L’Algérie marque la Journée de la Méditerranée 2024

L’Algérie a célébré récemment la Journée de la Méditerranée, une initiative visant à sensibiliser à la préservation de l’écosystème méditerranéen et à promouvoir une gestion durable de ses ressources. Selon horizons.dz, cette journée a été l’occasion de mettre en lumière les efforts nationaux en matière de protection de la biodiversité marine et côtière, ainsi que les défis persistants auxquels fait face le pays.

Une mobilisation nationale pour la Méditerranée

L’Algérie, avec ses 1 200 kilomètres de côtes, abrite une diversité d’écosystèmes marins et côtiers, allant des herbiers de posidonies aux récifs coralliens, en passant par des zones humides classées Ramsar. Ces milieux jouent un rôle crucial dans la régulation du climat, la protection contre l’érosion côtière et la subsistance des communautés locales. Pourtant, ils subissent des pressions croissantes, liées à la pollution, à la surpêche et au changement climatique.

La biodiversité méditerranéenne sous pression

La surpêche constitue un autre enjeu critique. Malgré les réglementations en vigueur, certaines pratiques illégales, comme le chalutage de fond, continuent de menacer les stocks halieutiques. Le ministère de la Pêche et des Productions halieutiques a récemment renforcé les contrôles, mais les experts soulignent la nécessité d’une coopération régionale pour lutter efficacement contre ce fléau. La Méditerranée, considérée comme l’une des mers les plus surexploitées au monde, voit ses ressources halieutiques décliner depuis des décennies, avec des conséquences directes sur les moyens de subsistance des pêcheurs algériens.

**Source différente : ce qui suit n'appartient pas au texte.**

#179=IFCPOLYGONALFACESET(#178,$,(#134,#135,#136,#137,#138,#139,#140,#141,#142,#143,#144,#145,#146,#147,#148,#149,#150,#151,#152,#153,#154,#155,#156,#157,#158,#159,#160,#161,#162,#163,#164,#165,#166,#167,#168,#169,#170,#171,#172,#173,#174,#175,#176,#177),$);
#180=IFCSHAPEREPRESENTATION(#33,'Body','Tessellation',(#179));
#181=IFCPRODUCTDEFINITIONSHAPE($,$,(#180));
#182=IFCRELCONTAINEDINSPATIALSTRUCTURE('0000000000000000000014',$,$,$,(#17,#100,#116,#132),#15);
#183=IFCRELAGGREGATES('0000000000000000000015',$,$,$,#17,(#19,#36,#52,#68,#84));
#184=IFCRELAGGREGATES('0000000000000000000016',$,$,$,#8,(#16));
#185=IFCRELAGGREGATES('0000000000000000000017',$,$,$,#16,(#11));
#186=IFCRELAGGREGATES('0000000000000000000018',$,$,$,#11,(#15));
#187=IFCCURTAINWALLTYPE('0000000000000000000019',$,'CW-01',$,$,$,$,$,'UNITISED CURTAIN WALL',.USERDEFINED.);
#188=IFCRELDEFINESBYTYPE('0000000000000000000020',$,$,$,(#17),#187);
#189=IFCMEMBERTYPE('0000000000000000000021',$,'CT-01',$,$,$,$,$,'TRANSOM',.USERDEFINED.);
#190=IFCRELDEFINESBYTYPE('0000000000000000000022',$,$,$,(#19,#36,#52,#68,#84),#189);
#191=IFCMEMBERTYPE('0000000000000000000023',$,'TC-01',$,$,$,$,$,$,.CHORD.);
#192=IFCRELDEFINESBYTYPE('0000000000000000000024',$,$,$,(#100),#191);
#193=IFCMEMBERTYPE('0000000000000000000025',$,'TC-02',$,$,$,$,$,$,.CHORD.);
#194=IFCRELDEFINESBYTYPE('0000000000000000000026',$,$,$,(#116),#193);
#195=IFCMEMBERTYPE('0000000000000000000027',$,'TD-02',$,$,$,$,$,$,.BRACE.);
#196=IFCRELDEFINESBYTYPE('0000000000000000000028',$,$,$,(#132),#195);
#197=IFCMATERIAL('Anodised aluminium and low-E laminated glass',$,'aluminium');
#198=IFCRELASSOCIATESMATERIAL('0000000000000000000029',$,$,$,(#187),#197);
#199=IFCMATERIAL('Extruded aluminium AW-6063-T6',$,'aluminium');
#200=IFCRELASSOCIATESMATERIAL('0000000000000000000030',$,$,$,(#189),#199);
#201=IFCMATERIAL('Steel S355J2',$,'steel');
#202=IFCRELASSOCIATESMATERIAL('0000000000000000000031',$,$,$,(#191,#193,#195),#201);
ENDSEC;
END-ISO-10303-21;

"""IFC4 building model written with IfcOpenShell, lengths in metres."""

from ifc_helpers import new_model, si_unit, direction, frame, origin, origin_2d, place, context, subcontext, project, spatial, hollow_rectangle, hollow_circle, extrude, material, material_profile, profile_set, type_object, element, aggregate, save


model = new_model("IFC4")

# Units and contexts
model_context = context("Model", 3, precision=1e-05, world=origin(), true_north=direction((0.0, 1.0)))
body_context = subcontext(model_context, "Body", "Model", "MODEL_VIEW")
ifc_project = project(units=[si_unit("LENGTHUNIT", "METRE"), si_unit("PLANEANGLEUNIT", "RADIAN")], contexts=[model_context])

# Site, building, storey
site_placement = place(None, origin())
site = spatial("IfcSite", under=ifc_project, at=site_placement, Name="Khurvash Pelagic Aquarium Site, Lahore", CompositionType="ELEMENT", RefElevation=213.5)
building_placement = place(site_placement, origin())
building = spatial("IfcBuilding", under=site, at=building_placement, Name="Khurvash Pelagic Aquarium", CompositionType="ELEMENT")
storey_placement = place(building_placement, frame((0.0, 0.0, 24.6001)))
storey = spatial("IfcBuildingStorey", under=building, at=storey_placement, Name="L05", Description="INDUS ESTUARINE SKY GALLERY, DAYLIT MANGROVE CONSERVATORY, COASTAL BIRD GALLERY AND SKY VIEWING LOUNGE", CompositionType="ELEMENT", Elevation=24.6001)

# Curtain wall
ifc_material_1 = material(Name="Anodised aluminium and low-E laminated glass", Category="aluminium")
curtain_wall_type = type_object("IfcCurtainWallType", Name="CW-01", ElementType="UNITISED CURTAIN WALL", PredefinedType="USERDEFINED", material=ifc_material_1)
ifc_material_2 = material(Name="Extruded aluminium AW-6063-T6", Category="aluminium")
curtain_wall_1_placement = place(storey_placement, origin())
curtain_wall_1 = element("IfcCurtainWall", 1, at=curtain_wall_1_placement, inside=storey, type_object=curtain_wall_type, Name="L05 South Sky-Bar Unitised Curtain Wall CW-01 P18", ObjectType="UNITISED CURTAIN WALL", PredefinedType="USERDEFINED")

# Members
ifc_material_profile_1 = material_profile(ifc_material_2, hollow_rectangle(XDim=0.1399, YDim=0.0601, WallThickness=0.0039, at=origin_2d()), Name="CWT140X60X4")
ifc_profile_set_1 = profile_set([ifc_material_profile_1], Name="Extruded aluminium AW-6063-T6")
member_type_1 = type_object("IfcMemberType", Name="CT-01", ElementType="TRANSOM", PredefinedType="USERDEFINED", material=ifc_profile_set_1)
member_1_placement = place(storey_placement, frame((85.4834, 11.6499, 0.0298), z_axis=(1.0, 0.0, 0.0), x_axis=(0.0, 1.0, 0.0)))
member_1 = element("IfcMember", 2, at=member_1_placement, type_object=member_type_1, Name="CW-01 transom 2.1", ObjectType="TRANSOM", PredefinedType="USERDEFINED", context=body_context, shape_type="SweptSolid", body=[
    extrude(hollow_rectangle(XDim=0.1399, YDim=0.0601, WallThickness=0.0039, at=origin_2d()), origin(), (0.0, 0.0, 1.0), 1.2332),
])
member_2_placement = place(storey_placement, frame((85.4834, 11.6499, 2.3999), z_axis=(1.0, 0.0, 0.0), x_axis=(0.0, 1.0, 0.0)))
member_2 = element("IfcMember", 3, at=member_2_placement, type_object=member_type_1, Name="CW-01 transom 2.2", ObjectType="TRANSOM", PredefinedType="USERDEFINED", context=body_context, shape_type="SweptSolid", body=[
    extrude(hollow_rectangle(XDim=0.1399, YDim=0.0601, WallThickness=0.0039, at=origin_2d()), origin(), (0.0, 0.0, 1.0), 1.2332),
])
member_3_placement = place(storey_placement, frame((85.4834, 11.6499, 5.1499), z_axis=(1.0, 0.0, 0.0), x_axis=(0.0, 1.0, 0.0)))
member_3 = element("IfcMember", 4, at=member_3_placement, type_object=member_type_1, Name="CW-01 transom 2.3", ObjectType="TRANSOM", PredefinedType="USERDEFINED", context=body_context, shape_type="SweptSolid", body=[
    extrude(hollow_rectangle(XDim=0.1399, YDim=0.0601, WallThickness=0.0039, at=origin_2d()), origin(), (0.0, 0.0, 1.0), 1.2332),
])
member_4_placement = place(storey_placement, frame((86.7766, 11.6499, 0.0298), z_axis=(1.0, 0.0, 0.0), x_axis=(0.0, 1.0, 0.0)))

Des actions concrètes pour la préservation

Les autorités algériennes misent également sur la sensibilisation des populations locales. Des campagnes de nettoyage des plages, comme celle organisée à Oran en marge de la Journée de la Méditerranée, ont mobilisé des centaines de volontaires. Ces actions visent à impliquer les citoyens dans la protection de leur environnement, tout en mettant en avant des solutions simples, comme la réduction des plastiques à usage unique.

Sur le plan international, l’Algérie participe activement aux initiatives régionales, telles que le Plan d’action pour la Méditerranée (PAM) du Programme des Nations unies pour l’environnement (PNUE). Ce cadre permet de coordonner les efforts des pays riverains pour lutter contre la pollution et promouvoir une pêche durable. Récemment, l’Algérie a également adhéré à la Stratégie méditerranéenne pour le développement durable (SMDD), qui fixe des objectifs communs pour 2030, notamment en matière de gestion des déchets et de protection de la biodiversité.

Un équilibre à trouver entre développement et préservation

Les énergies renouvelables, en particulier l’éolien offshore, représentent une opportunité pour réduire la dépendance aux hydrocarbures tout en préservant la Méditerranée. Le gouvernement algérien a récemment lancé des études pour évaluer le potentiel éolien de sa zone économique exclusive, une démarche qui pourrait positionner le pays comme un acteur clé de la transition énergétique en Méditerranée. Cependant, ces projets soulèvent des questions sur leur impact sur les fonds marins et les espèces migratrices, nécessitant une approche équilibrée.

Vers une coopération renforcée

Les experts soulignent que les solutions existent, mais qu’elles nécessitent une volonté politique et des moyens financiers suffisants. La mise en œuvre des engagements pris dans le cadre de la Convention de Barcelone, qui vise à protéger le milieu marin méditerranéen, reste inégale selon les pays. Pour l’Algérie, cela implique de renforcer les capacités techniques des institutions locales, tout en associant davantage les communautés côtières aux décisions qui les concernent.

En célébrant cette journée, l’Algérie réaffirme son engagement en faveur d’une Méditerranée plus propre et plus résiliente. Les défis sont nombreux, mais les initiatives récentes montrent une prise de conscience croissante de l’importance de préserver ce patrimoine commun. Reste à transformer ces engagements en actions durables, pour que les générations futures puissent continuer à bénéficier des richesses de la Méditerranée.